The plan, which does not include Mr. Biden’s sprawling infrastructure proposals, is for the 2022 fiscal year, which begins Oct. 1.
It represents a sharp break from the budget priorities of President Donald J. Trump, who sought to cut funding for domestic programs.
Here are some of the notable parts of Mr. Biden’s plan.
Fighting climate change across agencies.
Mr. Biden’s spending proposal would significantly increase government spending to fight and adapt to the damages of a warming planet.
He proposes more than $14 billion in additional funding compared with the 2021 year, with that money infused across nearly every federal agency.
The broad-based increase in climate spending would come on top of clean energy spending in Mr. Biden’s proposed infrastructure legislation, which would pour roughly $500 billion on programs like increasing electric vehicle production and building climate-resilient roads and bridges.
Over all, the Energy Department would see its funding increased by $4.3 billion, or 10.2 percent over the 2021 fiscal year, including additional money to research and develop technologies like new nuclear power plants or hydrogen fuels. It also includes $1.9 billion for a new initiative that would help deploy low-carbon energy projects around the county and speed up permitting for transmission lines.
The spending plan would also increase funding for the Environmental Protection Agency to $11.2 billion, $2 billion more than the 2021 fiscal year enacted level, including about $110 million to restore hundreds of positions left vacant after employees left the agency in recent years.
And it would fund what the White House calls “the largest investment in environmental justice in history,” requesting $1.4 billion for programs to redress the disproportionate effects of pollution borne by poor and minority communities.

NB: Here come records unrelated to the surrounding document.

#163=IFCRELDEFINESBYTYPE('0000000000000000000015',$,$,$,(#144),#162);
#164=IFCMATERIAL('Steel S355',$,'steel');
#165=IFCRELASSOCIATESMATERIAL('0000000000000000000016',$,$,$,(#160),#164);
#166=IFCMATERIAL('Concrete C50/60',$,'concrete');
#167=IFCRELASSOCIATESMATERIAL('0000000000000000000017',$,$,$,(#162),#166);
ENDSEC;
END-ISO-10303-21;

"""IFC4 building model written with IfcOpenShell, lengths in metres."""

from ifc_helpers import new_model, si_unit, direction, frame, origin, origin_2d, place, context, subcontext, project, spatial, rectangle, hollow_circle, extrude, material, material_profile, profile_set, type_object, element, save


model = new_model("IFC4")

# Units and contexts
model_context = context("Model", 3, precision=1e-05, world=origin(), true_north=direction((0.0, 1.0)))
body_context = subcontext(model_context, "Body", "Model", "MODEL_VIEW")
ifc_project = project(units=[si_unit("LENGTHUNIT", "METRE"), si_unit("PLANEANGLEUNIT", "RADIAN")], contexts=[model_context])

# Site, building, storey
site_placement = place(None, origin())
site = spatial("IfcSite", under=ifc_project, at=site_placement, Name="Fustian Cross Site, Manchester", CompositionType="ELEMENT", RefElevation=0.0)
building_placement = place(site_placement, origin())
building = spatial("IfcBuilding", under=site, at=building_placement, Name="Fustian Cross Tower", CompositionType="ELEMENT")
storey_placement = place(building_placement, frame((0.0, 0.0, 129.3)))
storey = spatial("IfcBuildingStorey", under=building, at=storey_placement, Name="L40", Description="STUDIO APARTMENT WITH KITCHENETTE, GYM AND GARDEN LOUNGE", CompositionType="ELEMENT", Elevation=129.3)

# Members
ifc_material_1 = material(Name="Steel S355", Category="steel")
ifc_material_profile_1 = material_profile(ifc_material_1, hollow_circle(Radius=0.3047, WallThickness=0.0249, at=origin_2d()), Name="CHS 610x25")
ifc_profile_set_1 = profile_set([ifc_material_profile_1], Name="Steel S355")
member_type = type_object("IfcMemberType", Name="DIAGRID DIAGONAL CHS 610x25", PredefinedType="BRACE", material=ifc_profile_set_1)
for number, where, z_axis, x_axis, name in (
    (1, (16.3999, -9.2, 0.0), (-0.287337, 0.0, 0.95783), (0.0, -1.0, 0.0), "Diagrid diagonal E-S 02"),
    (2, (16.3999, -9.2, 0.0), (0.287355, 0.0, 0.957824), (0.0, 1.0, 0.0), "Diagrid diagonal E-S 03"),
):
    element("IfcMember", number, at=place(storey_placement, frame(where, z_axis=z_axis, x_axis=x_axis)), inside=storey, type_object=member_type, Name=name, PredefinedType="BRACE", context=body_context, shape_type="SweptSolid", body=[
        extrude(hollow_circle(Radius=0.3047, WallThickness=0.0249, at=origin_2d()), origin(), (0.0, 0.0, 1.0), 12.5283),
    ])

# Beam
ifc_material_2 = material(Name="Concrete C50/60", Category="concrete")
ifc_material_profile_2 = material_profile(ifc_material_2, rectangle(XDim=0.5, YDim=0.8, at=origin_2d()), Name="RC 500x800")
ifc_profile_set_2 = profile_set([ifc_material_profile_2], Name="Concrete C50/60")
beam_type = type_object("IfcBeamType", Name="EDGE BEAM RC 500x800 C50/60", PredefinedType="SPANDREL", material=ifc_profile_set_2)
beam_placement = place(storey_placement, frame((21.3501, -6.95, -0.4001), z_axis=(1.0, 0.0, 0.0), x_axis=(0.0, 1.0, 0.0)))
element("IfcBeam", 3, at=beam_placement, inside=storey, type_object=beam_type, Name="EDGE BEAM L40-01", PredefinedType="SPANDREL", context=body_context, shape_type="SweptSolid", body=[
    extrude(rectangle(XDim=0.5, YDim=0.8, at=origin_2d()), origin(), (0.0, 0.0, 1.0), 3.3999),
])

The budget outline aims to embed climate programs into agencies that have not historically been seen at the forefront of tackling global warming. For instance, the Agriculture Department would receive an additional $161 million for programs to measure and verify actions that farmers take to sequester more carbon dioxide in their soil, $100 million to create jobs plugging methane leaks from abandoned oil and gas wells, and a $40 million increase for “climate hubs” that aim to give farmers more information about the effects of climate change on agriculture.